MAKER Framework

Zero-Error Long-Horizon LLM Execution via SPRT Voting, Red-Flagging, and Microagent Orchestration

How MAKER Works - Architecture infographic showing the SPRT voting flow

⚠️ EXPERIMENTAL - NOT FOR PRODUCTION USE

This is a research experiment, not production software.

Purpose: Validate and explore claims from the research paper Solving a Million-Step LLM Task with Zero Errors (Meyerson et al., 2025)

Goals: Implement the MAKER algorithm, discover alternative approaches, test boundaries of zero-error LLM execution

Status: Active research - may never reach production readiness

Use at your own risk: APIs will change, results are experimental, not suitable for critical applications

MAKER (Massively decomposed Agentic processes with K-margin Error Reduction) is a Rust implementation exploring mathematically-grounded error correction in LLM agents. It tests zero-error execution through SPRT-based voting, red-flag validation, and m=1 microagent decomposition.
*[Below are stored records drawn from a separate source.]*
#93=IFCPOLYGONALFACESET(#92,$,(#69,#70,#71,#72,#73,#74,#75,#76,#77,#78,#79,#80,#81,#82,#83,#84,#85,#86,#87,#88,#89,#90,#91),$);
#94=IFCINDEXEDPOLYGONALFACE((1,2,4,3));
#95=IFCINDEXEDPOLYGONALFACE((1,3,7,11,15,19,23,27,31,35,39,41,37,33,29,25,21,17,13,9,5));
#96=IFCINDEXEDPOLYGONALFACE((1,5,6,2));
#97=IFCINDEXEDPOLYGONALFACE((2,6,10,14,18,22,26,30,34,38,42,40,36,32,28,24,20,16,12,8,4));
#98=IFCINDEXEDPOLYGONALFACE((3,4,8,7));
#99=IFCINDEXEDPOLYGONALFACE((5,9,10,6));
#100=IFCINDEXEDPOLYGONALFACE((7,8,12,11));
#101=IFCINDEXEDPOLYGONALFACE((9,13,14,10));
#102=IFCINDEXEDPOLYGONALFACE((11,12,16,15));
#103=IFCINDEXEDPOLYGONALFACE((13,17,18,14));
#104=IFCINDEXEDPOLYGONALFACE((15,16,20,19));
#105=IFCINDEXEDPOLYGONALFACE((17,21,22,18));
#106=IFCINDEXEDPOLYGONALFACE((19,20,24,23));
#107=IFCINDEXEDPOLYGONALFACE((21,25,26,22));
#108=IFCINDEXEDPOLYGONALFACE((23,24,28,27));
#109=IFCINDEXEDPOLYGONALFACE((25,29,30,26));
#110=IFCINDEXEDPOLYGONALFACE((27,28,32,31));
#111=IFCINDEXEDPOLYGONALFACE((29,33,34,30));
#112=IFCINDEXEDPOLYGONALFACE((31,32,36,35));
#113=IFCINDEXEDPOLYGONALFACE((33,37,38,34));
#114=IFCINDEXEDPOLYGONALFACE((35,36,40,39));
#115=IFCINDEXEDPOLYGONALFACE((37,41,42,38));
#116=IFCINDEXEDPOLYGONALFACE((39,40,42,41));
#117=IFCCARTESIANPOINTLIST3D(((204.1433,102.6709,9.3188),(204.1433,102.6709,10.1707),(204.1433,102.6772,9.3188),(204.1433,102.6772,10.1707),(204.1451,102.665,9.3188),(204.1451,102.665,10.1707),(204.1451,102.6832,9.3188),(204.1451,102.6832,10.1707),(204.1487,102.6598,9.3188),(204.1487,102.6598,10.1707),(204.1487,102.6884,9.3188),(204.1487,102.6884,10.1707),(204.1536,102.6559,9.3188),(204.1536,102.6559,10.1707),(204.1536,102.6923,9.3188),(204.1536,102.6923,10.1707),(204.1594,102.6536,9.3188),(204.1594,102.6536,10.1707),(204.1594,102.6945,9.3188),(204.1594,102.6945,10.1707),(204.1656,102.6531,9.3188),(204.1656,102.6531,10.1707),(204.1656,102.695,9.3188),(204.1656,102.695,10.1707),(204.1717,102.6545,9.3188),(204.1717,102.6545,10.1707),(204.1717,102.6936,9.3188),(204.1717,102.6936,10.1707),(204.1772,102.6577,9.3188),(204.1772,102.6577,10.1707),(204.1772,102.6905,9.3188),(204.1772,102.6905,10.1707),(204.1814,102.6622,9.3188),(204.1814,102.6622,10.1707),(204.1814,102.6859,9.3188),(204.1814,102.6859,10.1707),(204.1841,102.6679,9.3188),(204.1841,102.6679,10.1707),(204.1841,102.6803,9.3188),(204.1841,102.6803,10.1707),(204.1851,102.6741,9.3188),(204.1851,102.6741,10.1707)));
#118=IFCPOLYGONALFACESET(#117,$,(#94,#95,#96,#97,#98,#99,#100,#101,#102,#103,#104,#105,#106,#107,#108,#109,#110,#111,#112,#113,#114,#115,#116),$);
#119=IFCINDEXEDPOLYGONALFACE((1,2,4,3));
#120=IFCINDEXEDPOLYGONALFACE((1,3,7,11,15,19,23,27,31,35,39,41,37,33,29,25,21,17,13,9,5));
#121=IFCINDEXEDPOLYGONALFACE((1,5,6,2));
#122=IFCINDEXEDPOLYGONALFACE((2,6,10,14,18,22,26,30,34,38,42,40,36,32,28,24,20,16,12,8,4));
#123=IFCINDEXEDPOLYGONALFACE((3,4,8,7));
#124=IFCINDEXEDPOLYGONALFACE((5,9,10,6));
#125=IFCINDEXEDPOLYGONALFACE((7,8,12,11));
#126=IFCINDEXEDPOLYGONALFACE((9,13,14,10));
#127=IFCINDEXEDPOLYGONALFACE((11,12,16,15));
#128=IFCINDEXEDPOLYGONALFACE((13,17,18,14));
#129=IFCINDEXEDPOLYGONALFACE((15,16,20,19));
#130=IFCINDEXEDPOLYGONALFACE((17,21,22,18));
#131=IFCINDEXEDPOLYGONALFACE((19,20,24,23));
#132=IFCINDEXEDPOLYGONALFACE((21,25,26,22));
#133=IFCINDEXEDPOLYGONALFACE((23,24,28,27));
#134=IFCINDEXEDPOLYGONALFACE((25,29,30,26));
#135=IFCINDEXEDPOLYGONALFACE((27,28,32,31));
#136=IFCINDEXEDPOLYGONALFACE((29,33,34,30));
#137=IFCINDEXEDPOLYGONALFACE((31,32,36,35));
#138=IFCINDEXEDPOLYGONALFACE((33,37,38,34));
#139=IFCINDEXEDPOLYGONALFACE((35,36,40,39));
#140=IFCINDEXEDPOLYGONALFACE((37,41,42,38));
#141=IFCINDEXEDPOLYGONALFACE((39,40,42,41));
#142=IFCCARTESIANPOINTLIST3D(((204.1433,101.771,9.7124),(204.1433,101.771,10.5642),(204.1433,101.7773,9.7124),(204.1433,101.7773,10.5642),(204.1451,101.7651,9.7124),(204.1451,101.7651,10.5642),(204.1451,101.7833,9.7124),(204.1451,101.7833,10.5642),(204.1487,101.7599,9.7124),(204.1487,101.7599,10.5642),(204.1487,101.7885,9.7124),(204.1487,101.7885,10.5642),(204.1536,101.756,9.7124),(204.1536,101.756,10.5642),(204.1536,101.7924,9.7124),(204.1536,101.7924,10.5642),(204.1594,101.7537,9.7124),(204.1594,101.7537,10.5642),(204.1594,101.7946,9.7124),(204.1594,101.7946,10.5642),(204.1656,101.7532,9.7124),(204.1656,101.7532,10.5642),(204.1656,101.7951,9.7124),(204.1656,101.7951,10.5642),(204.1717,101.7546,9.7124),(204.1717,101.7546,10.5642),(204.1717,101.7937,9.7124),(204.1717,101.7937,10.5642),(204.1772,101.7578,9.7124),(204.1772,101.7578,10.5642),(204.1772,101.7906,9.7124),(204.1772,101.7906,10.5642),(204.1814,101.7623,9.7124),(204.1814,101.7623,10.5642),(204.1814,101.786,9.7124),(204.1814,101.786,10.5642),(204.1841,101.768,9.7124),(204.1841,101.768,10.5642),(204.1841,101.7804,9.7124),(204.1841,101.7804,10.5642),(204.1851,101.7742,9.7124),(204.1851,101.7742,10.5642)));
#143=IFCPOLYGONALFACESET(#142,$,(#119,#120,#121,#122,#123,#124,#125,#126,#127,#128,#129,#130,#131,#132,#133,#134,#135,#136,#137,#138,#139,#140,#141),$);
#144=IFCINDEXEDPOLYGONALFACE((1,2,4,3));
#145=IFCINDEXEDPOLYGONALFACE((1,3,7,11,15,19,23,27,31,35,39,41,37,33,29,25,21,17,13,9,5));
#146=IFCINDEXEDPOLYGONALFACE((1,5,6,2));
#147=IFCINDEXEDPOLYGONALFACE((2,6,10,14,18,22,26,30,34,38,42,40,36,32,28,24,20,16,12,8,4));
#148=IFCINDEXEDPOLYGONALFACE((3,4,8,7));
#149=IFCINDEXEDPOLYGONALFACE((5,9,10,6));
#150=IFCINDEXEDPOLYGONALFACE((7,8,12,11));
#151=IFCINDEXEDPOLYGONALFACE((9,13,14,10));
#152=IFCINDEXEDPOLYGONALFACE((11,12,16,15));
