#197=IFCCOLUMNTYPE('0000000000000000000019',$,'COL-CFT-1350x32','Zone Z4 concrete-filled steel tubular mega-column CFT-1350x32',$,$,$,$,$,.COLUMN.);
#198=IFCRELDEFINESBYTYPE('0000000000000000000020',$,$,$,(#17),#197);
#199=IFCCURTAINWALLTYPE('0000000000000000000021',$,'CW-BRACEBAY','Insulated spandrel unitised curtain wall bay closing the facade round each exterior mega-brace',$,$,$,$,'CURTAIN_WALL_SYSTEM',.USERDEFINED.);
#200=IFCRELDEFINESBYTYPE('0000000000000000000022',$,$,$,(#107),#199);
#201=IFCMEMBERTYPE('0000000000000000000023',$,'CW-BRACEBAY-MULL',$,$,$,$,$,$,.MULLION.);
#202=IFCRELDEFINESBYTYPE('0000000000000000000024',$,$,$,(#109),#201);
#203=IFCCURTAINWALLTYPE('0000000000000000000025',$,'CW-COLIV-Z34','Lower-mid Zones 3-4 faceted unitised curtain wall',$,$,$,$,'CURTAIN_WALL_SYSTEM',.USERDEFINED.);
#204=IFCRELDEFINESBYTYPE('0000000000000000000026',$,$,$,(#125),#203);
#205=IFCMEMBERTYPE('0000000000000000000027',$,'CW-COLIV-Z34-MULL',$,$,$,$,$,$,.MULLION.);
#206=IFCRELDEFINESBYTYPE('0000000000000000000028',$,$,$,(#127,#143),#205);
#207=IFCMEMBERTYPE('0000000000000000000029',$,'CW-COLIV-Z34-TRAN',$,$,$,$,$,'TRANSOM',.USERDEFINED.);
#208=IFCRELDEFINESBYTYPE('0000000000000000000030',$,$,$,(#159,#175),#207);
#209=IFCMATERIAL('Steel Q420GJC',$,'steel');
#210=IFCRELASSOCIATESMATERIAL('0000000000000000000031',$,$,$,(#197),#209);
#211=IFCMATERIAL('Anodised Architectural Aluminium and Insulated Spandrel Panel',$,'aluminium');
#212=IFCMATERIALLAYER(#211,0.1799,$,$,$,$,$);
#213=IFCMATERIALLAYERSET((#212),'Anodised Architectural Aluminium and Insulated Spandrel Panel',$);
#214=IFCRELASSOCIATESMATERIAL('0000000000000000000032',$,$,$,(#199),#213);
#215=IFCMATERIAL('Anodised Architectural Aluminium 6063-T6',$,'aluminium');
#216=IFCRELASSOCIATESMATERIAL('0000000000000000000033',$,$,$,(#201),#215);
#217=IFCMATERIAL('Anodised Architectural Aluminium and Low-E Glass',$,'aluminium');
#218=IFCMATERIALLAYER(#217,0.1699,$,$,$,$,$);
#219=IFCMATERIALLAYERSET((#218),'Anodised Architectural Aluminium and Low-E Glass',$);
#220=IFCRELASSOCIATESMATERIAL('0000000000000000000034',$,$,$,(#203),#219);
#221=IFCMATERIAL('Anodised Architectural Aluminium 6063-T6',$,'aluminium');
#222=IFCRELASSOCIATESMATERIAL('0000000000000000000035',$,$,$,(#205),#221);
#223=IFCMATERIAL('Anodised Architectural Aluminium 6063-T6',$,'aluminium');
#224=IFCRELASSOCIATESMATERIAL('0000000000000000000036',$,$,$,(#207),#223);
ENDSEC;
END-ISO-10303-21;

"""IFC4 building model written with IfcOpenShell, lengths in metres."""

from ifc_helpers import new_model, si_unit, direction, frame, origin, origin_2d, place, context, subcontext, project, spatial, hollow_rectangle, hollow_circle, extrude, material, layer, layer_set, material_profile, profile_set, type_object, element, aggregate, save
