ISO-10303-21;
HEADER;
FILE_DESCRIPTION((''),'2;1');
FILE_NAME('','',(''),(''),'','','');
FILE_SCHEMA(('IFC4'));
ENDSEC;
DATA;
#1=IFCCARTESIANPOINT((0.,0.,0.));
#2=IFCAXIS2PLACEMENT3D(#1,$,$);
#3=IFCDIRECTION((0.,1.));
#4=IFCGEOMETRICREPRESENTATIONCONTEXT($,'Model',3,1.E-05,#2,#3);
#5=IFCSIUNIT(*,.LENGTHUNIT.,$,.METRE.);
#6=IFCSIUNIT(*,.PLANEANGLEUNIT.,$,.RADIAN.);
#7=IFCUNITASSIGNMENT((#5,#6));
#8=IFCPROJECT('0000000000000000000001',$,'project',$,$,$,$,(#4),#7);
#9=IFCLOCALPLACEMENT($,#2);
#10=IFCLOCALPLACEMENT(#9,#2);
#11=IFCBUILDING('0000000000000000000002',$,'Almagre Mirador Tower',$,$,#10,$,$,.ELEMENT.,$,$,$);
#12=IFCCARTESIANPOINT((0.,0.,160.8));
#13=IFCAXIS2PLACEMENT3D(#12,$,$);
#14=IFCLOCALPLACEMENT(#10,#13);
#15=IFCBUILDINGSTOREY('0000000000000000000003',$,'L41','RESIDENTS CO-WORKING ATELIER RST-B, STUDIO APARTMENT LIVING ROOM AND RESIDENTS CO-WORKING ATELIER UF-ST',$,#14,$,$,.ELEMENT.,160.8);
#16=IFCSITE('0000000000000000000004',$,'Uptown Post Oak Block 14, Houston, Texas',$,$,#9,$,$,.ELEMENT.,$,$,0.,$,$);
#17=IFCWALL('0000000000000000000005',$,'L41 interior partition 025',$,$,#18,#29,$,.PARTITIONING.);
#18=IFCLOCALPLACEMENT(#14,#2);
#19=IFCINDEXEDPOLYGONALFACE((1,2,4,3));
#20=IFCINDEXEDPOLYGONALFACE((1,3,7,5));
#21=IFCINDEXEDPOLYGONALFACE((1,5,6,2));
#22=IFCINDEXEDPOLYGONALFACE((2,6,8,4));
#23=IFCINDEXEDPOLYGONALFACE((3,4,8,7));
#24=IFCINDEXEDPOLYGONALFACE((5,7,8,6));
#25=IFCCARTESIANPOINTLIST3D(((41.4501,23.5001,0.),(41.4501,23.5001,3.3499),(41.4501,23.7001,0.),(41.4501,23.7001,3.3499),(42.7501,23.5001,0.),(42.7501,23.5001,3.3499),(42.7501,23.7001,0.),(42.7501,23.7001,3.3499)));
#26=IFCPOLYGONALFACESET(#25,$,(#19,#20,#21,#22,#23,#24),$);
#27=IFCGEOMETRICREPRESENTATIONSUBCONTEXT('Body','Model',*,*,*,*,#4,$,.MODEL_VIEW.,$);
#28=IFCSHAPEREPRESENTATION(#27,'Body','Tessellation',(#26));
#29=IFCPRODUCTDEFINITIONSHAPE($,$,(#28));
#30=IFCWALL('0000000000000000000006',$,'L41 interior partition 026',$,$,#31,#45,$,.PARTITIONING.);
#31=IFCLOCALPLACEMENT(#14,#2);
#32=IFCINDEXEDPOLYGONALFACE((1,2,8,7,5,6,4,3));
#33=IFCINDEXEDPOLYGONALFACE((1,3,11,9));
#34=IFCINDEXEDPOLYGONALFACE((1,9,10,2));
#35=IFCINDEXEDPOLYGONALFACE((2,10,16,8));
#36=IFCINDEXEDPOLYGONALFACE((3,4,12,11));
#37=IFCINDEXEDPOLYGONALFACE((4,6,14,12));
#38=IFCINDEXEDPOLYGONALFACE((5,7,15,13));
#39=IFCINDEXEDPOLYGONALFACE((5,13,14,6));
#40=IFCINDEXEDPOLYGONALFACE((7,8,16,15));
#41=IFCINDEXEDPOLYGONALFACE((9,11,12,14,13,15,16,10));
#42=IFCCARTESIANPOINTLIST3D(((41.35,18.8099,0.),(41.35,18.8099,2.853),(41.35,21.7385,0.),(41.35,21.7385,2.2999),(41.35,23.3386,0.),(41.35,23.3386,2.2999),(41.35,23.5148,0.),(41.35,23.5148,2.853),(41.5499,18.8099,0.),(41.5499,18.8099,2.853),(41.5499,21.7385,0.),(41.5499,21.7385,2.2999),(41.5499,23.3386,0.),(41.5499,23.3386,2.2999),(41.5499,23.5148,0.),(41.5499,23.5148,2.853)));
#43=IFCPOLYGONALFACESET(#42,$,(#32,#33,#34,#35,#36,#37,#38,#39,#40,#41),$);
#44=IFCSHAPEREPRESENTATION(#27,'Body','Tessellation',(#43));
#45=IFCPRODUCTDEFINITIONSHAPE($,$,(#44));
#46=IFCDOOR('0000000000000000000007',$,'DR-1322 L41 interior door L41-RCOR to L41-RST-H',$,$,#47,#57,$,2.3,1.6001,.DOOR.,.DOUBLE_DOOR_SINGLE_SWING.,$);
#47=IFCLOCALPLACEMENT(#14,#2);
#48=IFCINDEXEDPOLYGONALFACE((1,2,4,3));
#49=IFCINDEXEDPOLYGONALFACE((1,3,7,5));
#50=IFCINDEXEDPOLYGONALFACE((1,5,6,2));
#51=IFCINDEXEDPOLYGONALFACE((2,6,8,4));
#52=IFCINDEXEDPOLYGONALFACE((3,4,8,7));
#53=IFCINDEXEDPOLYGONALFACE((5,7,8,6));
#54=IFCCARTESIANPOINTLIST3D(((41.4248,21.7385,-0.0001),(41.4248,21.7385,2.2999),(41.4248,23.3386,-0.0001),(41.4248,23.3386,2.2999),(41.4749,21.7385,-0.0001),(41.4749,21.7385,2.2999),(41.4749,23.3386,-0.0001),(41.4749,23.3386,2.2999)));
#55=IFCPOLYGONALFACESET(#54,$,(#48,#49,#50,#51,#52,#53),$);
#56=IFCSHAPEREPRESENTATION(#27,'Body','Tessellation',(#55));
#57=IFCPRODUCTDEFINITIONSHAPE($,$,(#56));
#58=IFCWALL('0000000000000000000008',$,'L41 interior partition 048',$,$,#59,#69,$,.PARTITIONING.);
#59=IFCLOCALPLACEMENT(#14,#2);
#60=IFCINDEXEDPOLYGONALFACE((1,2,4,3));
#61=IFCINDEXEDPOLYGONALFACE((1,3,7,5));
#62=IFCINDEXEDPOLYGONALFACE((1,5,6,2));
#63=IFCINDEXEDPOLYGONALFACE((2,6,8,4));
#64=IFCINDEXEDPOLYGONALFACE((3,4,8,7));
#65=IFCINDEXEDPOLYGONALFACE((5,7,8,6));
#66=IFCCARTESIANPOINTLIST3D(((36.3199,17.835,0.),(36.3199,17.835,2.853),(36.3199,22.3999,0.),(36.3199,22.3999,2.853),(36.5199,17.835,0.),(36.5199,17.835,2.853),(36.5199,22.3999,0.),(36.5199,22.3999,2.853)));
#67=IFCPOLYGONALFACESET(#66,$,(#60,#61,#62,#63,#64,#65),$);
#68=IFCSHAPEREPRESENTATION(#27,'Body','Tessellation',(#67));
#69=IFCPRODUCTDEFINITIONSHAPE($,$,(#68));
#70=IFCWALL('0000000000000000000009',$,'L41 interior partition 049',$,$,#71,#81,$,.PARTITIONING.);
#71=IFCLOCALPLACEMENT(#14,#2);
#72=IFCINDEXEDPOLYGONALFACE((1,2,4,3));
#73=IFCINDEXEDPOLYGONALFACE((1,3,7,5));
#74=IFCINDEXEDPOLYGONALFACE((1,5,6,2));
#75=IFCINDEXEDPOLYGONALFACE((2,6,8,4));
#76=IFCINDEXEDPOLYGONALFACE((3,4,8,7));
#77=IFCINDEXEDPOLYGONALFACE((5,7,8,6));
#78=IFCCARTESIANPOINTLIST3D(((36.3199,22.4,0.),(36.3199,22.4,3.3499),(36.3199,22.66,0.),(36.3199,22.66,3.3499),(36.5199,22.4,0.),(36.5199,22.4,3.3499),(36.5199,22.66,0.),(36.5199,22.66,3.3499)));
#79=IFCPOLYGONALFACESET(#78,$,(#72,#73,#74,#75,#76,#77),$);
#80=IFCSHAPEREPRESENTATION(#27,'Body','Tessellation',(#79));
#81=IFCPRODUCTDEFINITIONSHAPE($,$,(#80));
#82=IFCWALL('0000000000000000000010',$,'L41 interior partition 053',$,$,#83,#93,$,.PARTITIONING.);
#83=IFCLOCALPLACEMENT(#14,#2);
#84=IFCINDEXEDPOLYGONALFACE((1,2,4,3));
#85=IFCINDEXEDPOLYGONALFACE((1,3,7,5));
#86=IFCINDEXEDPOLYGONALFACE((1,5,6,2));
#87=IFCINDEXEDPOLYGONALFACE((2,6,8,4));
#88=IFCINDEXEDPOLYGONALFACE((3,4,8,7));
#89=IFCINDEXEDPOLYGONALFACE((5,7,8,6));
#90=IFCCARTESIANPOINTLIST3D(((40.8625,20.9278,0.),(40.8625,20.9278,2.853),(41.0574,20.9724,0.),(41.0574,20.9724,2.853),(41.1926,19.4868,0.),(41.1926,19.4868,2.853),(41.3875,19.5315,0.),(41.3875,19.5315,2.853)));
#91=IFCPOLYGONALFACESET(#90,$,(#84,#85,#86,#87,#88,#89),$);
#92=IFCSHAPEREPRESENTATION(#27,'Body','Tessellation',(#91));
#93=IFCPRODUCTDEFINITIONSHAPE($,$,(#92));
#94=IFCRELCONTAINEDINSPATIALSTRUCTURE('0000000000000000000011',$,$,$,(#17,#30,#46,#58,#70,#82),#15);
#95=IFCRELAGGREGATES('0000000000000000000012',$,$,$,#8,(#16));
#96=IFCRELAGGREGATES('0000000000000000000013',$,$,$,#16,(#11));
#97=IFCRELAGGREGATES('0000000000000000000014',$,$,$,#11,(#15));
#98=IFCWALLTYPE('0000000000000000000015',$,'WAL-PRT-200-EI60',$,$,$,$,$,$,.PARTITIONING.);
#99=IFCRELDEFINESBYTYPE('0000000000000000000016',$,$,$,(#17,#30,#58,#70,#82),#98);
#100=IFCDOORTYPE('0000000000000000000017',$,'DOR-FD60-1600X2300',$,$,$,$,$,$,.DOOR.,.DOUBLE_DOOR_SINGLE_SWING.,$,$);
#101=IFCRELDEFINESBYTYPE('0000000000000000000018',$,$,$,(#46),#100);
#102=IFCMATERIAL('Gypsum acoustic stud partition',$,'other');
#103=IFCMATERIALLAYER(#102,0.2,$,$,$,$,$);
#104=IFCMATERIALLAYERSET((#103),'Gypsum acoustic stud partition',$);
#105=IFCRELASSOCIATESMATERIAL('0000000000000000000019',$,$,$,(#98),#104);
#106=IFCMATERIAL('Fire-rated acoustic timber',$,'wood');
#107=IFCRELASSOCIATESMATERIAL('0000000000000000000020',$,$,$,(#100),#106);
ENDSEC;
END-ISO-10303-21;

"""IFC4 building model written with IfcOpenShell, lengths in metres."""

from ifc_helpers import new_model, si_unit, direction, frame, frame_2d, origin, place, context, subcontext, project, spatial, rectangle, extrude, material, layer, layer_set, type_object, element, fill, save


model = new_model("IFC4")

# Units and contexts
model_context = context("Model", 3, precision=1e-05, world=origin(), true_north=direction((0.0, 1.0)))
body_context = subcontext(model_context, "Body", "Model", "MODEL_VIEW")
ifc_project = project(units=[si_unit("LENGTHUNIT", "METRE"), si_unit("PLANEANGLEUNIT", "RADIAN")], contexts=[model_context])

# Site, building, storey
site_placement = place(None, origin())
site = spatial("IfcSite", under=ifc_project, at=site_placement, Name="Uptown Post Oak Block 14, Houston, Texas", CompositionType="ELEMENT", RefElevation=0.0)
building_placement = place(site_placement, origin())
building = spatial("IfcBuilding", under=site, at=building_placement, Name="Almagre Mirador Tower", CompositionType="ELEMENT")
storey_placement = place(building_placement, frame((0.0, 0.0, 160.8)))
storey = spatial("IfcBuildingStorey", under=building, at=storey_placement, Name="L41", Description="RESIDENTS CO-WORKING ATELIER RST-B, STUDIO APARTMENT LIVING ROOM AND RESIDENTS CO-WORKING ATELIER UF-ST", CompositionType="ELEMENT", Elevation=160.8)

# Shared definitions
ifc_material_1 = material(Name="Gypsum acoustic stud partition", Category="other")
ifc_layer_1 = layer(ifc_material_1, 0.2)
ifc_layer_set_1 = layer_set([ifc_layer_1], Name="Gypsum acoustic stud partition")
wall_type_1 = type_object("IfcWallType", Name="WAL-PRT-200-EI60", PredefinedType="PARTITIONING", material=ifc_layer_set_1)

# Wall
wall_1_placement = place(storey_placement, frame((42.75, 23.6001, 0.0), z_axis=(0.0, 0.0, 1.0), x_axis=(-1.0, 0.0, 0.0)))
element("IfcWall", 1, at=wall_1_placement, inside=storey, type_object=wall_type_1, Name="L41 interior partition 025", PredefinedType="PARTITIONING", context=body_context, shape_type="SweptSolid", body=[
    extrude(rectangle(XDim=1.3, YDim=0.2, at=frame_2d((0.6499, 0.0))), origin(), (0.0, 0.0, 1.0), 3.3499),
])

# Wall, opening, door
wall_2_placement = place(storey_placement, frame((41.45, 23.5149, 0.0), z_axis=(0.0, 0.0, 1.0), x_axis=(0.0, -1.0, 0.0)))
wall_2 = element("IfcWall", 2, at=wall_2_placement, inside=storey, type_object=wall_type_1, Name="L41 interior partition 026", PredefinedType="PARTITIONING", context=body_context, shape_type="SweptSolid", body=[
    extrude(rectangle(XDim=4.7048, YDim=0.2, at=frame_2d((2.3525, 0.0))), origin(), (0.0, 0.0, 1.0), 2.853),
])
opening_1_placement = place(wall_2_placement, frame((0.1763, 0.0, 0.0)))
opening_1 = element("IfcOpeningElement", 3, at=opening_1_placement, cuts=wall_2, PredefinedType="OPENING", context=body_context, shape_type="SweptSolid", body=[
    extrude(rectangle(XDim=1.6001, YDim=2.3, at=frame_2d((0.8, 1.1499))), frame((0.0, 0.1101, 0.0), z_axis=(0.0, -1.0, 0.0), x_axis=(1.0, 0.0, 0.0)), (0.0, 0.0, 1.0), 0.22),
])
ifc_material_2 = material(Name="Fire-rated acoustic timber", Category="wood")
door_type_1 = type_object("IfcDoorType", Name="DOR-FD60-1600X2300", OperationType="DOUBLE_DOOR_SINGLE_SWING", PredefinedType="DOOR", material=ifc_material_2)
door_1_placement = place(opening_1_placement, origin())
door_1 = element("IfcDoor", 4, at=door_1_placement, inside=storey, type_object=door_type_1, Name="DR-1322 L41 interior door L41-RCOR to L41-RST-H", OperationType="DOUBLE_DOOR_SINGLE_SWING", OverallHeight=2.3, OverallWidth=1.6001, PredefinedType="DOOR", context=body_context, shape_type="SweptSolid", body=[
    extrude(rectangle(XDim=1.6001, YDim=2.3, at=frame_2d((0.8, 1.1499))), frame((0.0, 0.0249, 0.0), z_axis=(0.0, -1.0, 0.0), x_axis=(1.0, 0.0, 0.0)), (0.0, 0.0, 1.0), 0.05),
])
fill(opening_1, door_1)

# Walls
wall_3_placement = place(storey_placement, frame((36.4199, 22.3999, 0.0), z_axis=(0.0, 0.0, 1.0), x_axis=(0.0, -1.0, 0.0)))
element("IfcWall", 5, at=wall_3_placement, inside=storey, type_object=wall_type_1, Name="L41 interior partition 048", PredefinedType="PARTITIONING", context=body_context, shape_type="SweptSolid", body=[
    extrude(rectangle(XDim=4.5649, YDim=0.2, at=frame_2d((2.2825, 0.0))), origin(), (0.0, 0.0, 1.0), 2.853),
])
wall_4_placement = place(storey_placement, frame((36.4199, 22.6599, 0.0), z_axis=(0.0, 0.0, 1.0), x_axis=(0.0, -1.0, 0.0)))
element("IfcWall", 6, at=wall_4_placement, inside=storey, type_object=wall_type_1, Name="L41 interior partition 049", PredefinedType="PARTITIONING", context=body_context, shape_type="SweptSolid", body=[
    extrude(rectangle(XDim=0.26, YDim=0.2, at=frame_2d((0.1299, 0.0))), origin(), (0.0, 0.0, 1.0), 3.3499),
])
wall_5_placement = place(storey_placement, frame((41.29, 19.509, 0.0), z_axis=(0.0, 0.0, 1.0), x_axis=(-0.223291, 0.974752, 0.0)))
element("IfcWall", 7, at=wall_5_placement, inside=storey, type_object=wall_type_1, Name="L41 interior partition 053", PredefinedType="PARTITIONING", context=body_context, shape_type="SweptSolid", body=[
    extrude(rectangle(XDim=1.4783, YDim=0.2, at=frame_2d((0.7393, 0.0))), origin(), (0.0, 0.0, 1.0), 2.853),
])

save(model, "model.ifc")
Based on: Solving a Million-Step LLM Task with Zero Errors (Meyerson et al., 2025)

The Problem

Even with 99% per-step accuracy, a 1,000-step task has only a 0.004% success rate. The MAKER algorithm aims to transform this into 95%+ reliability with logarithmic cost scaling.

This implementation explores whether that claim holds in practice.

Task Length	Naive Success Rate	MAKER Success Rate	MAKER Cost Scaling
7 steps	93%	99%+	21 samples
1,023 steps	0%	95%+	~6,138 samples
1M steps	0%	95%+	Θ(s ln s)

Quick Start

As a Rust Library

use maker::core::{calculate_kmin, MockLlmClient, VoteConfig, vote_with_margin};

// Calculate required k-margin for your task
let k = calculate_kmin(
    0.85,   // p: per-step success probability
    0.95,   // t: target task reliability
    1_023,  // s: total steps (10-disk Hanoi)
    1,      // m: steps per agent (must be 1)
).unwrap();

// Run error-corrected voting
let client = MockLlmClient::constant("correct_answer");
let config = VoteConfig::default();
let result = vote_with_margin("What is 2+2?", k, &client, config).unwrap();
println!("Winner: {} ({} samples)", result.winner, result.total_samples);

As an MCP Server

# Build and run
cargo build --release
cargo run --bin maker-mcp

Add to your Claude Code MCP configuration:

{
  "mcpServers": {
    "maker": {
      "command": "/path/to/maker-mcp",
      "args": [],
      "env": {
        "OPENAI_API_KEY": "your-key",
        "ANTHROPIC_API_KEY": "your-key"
      }
    }
  }
}

Run the Demos

See Validation Demos below for detailed documentation and results.

Validation Demos

These demos validate MAKER's error correction capabilities against different task types.

Hanoi Demo (`examples/hanoi_demo.rs`)

Purpose: Validates MAKER on multi-step reasoning tasks requiring algorithmic thinking.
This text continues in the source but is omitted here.